Apart from being a great, versatile card that allows this deck to more reliably hit delirium for Traverse the Ulvenwald, Cast Out specifically functions as a great answer to permanents the opponent might use to prevent your combo. This goes as far as providing an answer to Authority of the Consuls, something you might not otherwise have had access to.
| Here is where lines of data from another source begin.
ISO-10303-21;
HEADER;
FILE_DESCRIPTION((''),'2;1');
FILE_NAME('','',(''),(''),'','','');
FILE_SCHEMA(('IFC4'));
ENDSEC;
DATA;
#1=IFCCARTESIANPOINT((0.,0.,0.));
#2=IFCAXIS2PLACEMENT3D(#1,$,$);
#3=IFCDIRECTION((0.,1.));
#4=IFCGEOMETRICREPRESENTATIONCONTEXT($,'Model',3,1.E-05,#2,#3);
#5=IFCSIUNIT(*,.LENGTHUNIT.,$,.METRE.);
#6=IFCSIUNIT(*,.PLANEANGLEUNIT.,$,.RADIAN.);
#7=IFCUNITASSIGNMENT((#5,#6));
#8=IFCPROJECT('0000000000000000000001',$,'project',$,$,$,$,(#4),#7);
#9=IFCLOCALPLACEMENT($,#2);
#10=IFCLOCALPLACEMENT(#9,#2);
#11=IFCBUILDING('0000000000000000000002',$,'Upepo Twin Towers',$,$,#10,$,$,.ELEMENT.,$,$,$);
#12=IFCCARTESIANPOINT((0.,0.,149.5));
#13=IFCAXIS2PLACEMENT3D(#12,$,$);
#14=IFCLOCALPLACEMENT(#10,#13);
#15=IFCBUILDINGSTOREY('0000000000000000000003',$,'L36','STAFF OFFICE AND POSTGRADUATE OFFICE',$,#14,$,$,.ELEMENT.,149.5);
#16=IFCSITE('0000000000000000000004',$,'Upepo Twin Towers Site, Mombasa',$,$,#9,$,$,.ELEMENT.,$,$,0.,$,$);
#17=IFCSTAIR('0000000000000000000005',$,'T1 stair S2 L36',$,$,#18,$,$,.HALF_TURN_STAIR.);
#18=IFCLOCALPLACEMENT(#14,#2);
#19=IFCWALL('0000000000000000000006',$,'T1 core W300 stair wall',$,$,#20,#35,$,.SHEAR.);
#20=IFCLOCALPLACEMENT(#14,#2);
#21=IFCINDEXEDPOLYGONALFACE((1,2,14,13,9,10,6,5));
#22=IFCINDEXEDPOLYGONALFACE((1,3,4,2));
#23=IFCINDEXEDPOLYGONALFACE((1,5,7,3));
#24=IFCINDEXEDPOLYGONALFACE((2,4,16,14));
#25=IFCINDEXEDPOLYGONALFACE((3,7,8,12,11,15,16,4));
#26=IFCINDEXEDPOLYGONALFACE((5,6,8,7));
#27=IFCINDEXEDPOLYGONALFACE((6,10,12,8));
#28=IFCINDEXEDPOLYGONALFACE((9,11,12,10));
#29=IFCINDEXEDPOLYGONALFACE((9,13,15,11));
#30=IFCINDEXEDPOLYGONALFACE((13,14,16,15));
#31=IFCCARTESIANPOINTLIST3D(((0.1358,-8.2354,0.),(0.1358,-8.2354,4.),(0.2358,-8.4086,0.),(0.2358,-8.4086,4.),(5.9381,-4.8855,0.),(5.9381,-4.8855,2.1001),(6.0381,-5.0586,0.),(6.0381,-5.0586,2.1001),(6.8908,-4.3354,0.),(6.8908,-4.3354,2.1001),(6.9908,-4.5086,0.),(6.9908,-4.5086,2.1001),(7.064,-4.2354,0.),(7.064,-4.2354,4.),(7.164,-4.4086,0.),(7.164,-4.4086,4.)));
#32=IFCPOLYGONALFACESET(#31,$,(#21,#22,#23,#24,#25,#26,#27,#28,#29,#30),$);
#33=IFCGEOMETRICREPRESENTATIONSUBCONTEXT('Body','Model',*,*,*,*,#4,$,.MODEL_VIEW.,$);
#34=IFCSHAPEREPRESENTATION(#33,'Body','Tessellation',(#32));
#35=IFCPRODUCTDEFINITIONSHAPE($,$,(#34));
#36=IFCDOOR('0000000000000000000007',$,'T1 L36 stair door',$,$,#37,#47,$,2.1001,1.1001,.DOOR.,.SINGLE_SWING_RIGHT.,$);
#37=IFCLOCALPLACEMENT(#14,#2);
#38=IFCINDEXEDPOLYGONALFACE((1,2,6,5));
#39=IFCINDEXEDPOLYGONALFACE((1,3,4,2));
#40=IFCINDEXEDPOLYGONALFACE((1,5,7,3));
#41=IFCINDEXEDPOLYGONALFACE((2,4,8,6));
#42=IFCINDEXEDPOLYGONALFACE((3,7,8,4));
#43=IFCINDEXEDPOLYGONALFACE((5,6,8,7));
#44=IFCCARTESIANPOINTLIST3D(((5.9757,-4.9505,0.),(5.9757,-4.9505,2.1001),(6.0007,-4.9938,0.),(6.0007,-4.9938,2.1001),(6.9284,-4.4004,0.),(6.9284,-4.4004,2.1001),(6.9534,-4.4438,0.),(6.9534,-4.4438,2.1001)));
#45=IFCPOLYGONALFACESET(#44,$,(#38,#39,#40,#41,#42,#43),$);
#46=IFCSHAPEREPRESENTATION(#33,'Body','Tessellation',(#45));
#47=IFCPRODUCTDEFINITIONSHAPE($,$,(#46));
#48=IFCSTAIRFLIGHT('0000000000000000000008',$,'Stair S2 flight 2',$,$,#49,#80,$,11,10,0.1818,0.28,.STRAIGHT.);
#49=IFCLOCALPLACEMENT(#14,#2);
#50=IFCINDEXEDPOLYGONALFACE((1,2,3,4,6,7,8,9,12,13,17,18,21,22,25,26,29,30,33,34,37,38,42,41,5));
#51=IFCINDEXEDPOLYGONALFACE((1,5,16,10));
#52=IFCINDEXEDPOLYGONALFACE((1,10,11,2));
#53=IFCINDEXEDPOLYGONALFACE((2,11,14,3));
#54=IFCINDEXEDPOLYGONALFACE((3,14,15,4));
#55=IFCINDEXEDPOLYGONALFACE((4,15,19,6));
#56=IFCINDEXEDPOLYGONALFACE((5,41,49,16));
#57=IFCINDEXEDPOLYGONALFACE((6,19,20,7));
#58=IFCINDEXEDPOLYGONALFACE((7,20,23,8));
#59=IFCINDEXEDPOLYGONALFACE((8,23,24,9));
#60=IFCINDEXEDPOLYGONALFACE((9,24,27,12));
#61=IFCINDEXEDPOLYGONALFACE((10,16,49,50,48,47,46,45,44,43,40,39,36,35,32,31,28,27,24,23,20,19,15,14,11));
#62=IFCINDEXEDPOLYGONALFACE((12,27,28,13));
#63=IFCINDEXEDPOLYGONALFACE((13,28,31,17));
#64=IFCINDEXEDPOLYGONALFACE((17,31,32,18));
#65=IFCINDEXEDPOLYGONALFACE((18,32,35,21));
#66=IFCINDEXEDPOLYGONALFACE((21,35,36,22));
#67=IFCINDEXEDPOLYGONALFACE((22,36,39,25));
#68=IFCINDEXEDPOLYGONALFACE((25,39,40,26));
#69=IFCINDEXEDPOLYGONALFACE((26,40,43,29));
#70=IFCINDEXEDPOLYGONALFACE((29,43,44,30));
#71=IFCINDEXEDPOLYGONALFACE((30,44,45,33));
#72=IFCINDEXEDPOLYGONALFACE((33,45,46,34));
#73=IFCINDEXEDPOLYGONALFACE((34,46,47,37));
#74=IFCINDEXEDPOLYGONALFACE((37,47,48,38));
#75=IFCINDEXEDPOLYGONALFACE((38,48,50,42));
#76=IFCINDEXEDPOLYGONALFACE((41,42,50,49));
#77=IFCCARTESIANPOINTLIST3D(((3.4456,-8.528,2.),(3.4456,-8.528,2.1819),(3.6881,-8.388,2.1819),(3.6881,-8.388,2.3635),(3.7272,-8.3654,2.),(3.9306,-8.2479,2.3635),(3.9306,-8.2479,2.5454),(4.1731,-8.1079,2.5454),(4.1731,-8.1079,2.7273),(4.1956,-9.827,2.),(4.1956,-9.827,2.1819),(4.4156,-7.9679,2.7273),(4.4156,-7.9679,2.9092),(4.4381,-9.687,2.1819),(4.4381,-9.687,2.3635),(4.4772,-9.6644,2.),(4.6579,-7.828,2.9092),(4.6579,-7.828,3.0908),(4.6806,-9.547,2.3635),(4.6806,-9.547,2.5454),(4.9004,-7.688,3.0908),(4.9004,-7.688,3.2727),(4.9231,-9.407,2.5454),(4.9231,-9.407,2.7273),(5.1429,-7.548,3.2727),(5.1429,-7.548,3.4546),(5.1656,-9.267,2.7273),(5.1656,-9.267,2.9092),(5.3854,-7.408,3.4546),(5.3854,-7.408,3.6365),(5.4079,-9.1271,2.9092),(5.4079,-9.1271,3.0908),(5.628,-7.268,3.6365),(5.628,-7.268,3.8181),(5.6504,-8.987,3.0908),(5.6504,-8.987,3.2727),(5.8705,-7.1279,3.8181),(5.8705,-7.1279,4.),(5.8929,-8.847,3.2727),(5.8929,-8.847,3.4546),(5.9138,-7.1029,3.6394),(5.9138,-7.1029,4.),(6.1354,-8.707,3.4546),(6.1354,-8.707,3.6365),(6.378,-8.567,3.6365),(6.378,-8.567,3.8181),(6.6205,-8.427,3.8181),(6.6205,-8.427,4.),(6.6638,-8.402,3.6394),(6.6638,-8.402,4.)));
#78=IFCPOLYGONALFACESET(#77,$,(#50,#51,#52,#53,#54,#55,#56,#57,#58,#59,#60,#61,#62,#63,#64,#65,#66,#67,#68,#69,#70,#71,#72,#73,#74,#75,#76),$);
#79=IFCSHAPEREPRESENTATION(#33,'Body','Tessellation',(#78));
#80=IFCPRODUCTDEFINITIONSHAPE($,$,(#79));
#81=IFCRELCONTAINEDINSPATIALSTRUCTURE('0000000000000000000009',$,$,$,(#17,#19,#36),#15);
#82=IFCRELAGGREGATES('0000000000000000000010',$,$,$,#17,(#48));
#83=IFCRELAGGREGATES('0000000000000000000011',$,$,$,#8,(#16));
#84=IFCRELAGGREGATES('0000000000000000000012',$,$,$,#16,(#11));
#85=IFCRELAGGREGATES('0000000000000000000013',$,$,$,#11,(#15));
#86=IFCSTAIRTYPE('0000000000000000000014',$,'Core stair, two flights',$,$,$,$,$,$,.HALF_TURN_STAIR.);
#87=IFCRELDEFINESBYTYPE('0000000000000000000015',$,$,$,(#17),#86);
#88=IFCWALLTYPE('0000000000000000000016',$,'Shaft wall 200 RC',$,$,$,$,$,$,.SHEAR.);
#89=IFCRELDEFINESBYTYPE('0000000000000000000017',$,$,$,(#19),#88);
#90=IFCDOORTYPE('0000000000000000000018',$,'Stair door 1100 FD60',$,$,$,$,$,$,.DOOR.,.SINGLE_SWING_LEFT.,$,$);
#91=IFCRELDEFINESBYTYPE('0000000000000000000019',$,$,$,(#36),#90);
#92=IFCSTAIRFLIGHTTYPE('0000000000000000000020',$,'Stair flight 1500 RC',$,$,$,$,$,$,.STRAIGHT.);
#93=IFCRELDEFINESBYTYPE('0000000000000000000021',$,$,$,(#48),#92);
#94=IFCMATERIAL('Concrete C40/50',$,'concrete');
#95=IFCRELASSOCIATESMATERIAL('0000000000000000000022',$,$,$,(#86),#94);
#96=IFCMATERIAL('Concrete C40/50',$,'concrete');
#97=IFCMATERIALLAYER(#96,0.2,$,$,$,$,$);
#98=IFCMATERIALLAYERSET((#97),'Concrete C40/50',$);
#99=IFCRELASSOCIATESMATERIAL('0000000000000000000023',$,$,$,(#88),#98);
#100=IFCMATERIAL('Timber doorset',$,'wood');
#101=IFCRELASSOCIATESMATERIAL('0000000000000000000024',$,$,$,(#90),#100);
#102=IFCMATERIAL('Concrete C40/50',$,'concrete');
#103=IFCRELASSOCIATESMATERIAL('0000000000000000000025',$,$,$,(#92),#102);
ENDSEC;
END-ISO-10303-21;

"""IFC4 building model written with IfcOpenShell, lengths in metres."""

from ifc_helpers import new_model, si_unit, direction, frame, frame_2d, origin, place, context, subcontext, project, spatial, polyline, rectangle, outline, extrude, material, layer, layer_set, type_object, element, fill, aggregate, save


model = new_model("IFC4")

# Units and contexts
model_context = context("Model", 3, precision=1e-05, world=origin(), true_north=direction((0.0, 1.0)))
body_context = subcontext(model_context, "Body", "Model", "MODEL_VIEW")
ifc_project = project(units=[si_unit("LENGTHUNIT", "METRE"), si_unit("PLANEANGLEUNIT", "RADIAN")], contexts=[model_context])

# Site, building, storey
site_placement = place(None, origin())
site = spatial("IfcSite", under=ifc_project, at=site_placement, Name="Upepo Twin Towers Site, Mombasa", CompositionType="ELEMENT", RefElevation=0.0)
building_placement = place(site_placement, origin())
building = spatial("IfcBuilding", under=site, at=building_placement, Name="Upepo Twin Towers", CompositionType="ELEMENT")
storey_placement = place(building_placement, frame((0.0, 0.0, 149.5)))
storey = spatial("IfcBuildingStorey", under=building, at=storey_placement, Name="L36", Description="STAFF OFFICE AND POSTGRADUATE OFFICE", CompositionType="ELEMENT", Elevation=149.5)

# Stair
ifc_material_1 = material(Name="Concrete C40/50", Category="concrete")
stair_type = type_object("IfcStairType", Name="Core stair, two flights", PredefinedType="HALF_TURN_STAIR", material=ifc_material_1)
stair_1_placement = place(storey_placement, origin())
stair_1 = element("IfcStair", 1, at=stair_1_placement, inside=storey, type_object=stair_type, Name="T1 stair S2 L36", PredefinedType="HALF_TURN_STAIR")

# Shared definitions
ifc_material_2 = material(Name="Concrete C40/50", Category="concrete")
ifc_layer_1 = layer(ifc_material_2, 0.2)
ifc_layer_set_1 = layer_set([ifc_layer_1], Name="Concrete C40/50")
wall_type = type_object("IfcWallType", Name="Shaft wall 200 RC", PredefinedType="SHEAR", material=ifc_layer_set_1)

# Wall, opening, door
wall_1_placement = place(storey_placement, frame((0.1858, -8.322, 0.0), z_axis=(0.0, 0.0, 1.0), x_axis=(0.866026, 0.499999, 0.0)))
wall_1 = element("IfcWall", 2, at=wall_1_placement, inside=storey, type_object=wall_type, Name="T1 core W300 stair wall", PredefinedType="SHEAR", context=body_context, shape_type="SweptSolid", body=[
    extrude(rectangle(XDim=8.0, YDim=0.2, at=frame_2d((4.0, 0.0))), origin(), (0.0, 0.0, 1.0), 4.0),
])
opening_placement = place(wall_1_placement, frame((6.7, 0.0, 0.0)))
opening = element("IfcOpeningElement", 3, at=opening_placement, cuts=wall_1, PredefinedType="OPENING", context=body_context, shape_type="SweptSolid", body=[
    extrude(rectangle(XDim=1.1001, YDim=2.1001, at=frame_2d((0.55, 1.05))), frame((0.0, 0.1099, 0.0), z_axis=(0.0, -1.0, 0.0), x_axis=(1.0, 0.0, 0.0)), (0.0, 0.0, 1.0), 0.22),
])
ifc_material_3 = material(Name="Timber doorset", Category="wood")
door_type = type_object("IfcDoorType", Name="Stair door 1100 FD60", OperationType="SINGLE_SWING_LEFT", PredefinedType="DOOR", material=ifc_material_3)
door_placement = place(opening_placement, origin())
door = element("IfcDoor", 4, at=door_placement, inside=storey, type_object=door_type, Name="T1 L36 stair door", OperationType="SINGLE_SWING_RIGHT", OverallHeight=2.1001, OverallWidth=1.1001, PredefinedType="DOOR", context=body_context, shape_type="SweptSolid", body=[
    extrude(rectangle(XDim=1.1001, YDim=2.1001, at=frame_2d((0.55, 1.05))), frame((0.0, 0.0249, 0.0), z_axis=(0.0, -1.0, 0.0), x_axis=(1.0, 0.0, 0.0)), (0.0, 0.0, 1.0), 0.05),
])
fill(opening, door)

# Stair flight
ifc_material_4 = material(Name="Concrete C40/50", Category="concrete")
stair_flight_type = type_object("IfcStairFlightType", Name="Stair flight 1500 RC", PredefinedType="STRAIGHT", material=ifc_material_4)
stair_flight_placement = place(storey_placement, frame((3.8206, -9.1775, 2.0), z_axis=(0.0, 0.0, 1.0), x_axis=(0.866025, 0.5, 0.0)))
stair_flight = element("IfcStairFlight", 5, at=stair_flight_placement, type_object=stair_flight_type, Name="Stair S2 flight 2", NumberOfRisers=11, NumberOfTreads=10, PredefinedType="STRAIGHT", RiserHeight=0.1818, TreadLength=0.28, context=body_context, shape_type="SweptSolid", body=[
    extrude(outline(polyline([(0.0, 0.0), (0.0, 0.1819), (0.28, 0.1819), (0.28, 0.3635), (0.5601, 0.3635), (0.5601, 0.5454), (0.8401, 0.5454), (0.8401, 0.7273), (1.1201, 0.7273), (1.1201, 0.9092), (1.3999, 0.9092), (1.3999, 1.0908), (1.6799, 1.0908), (1.6799, 1.2727), (1.96, 1.2727), (1.96, 1.4546), (2.24, 1.4546), (2.24, 1.6365), (2.52, 1.6365), (2.52, 1.8181), (2.8, 1.8181), (2.8, 2.0), (2.8501, 2.0), (2.8501, 1.6394), (0.3252, 0.0), (0.0, 0.0)])), frame((0.0, 0.75, 0.0), z_axis=(0.0, -1.0, 0.0), x_axis=(1.0, 0.0, 0.0)), (0.0, 0.0, 1.0), 1.5),
])
aggregate(stair_1, [stair_flight])

save(model, "model.ifc")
Best of all, it’s a great card to blink with Felidar Guardian in case your opponent casts something else more threatening than your original target, and, as it happens, your original target will often be Walking Ballista, and exiling that means that your next Felidar Guardian comes with a free Banishing Light, as the Walking Ballista won’t stick around, and the same thing works to permanently answer an opposing Nissa, Steward of Elements.

While more Torrential Gearhulks, Delirium decks, and Four-Color Saheeli decks might not be what you were hoping Amonkhet would bring to Standard, the reality is that these kinds of decks will most likely be hard to get away from while there’s a two-card combo that demands an immediate answer in Standard, which really narrows the field of playable decks.

As to the diversity of Standard, I think our best hope is that the additional answers help control decks keep the combo in check, and then we can see if some new aggro decks can rise up to challenge the control decks, but I have my doubts.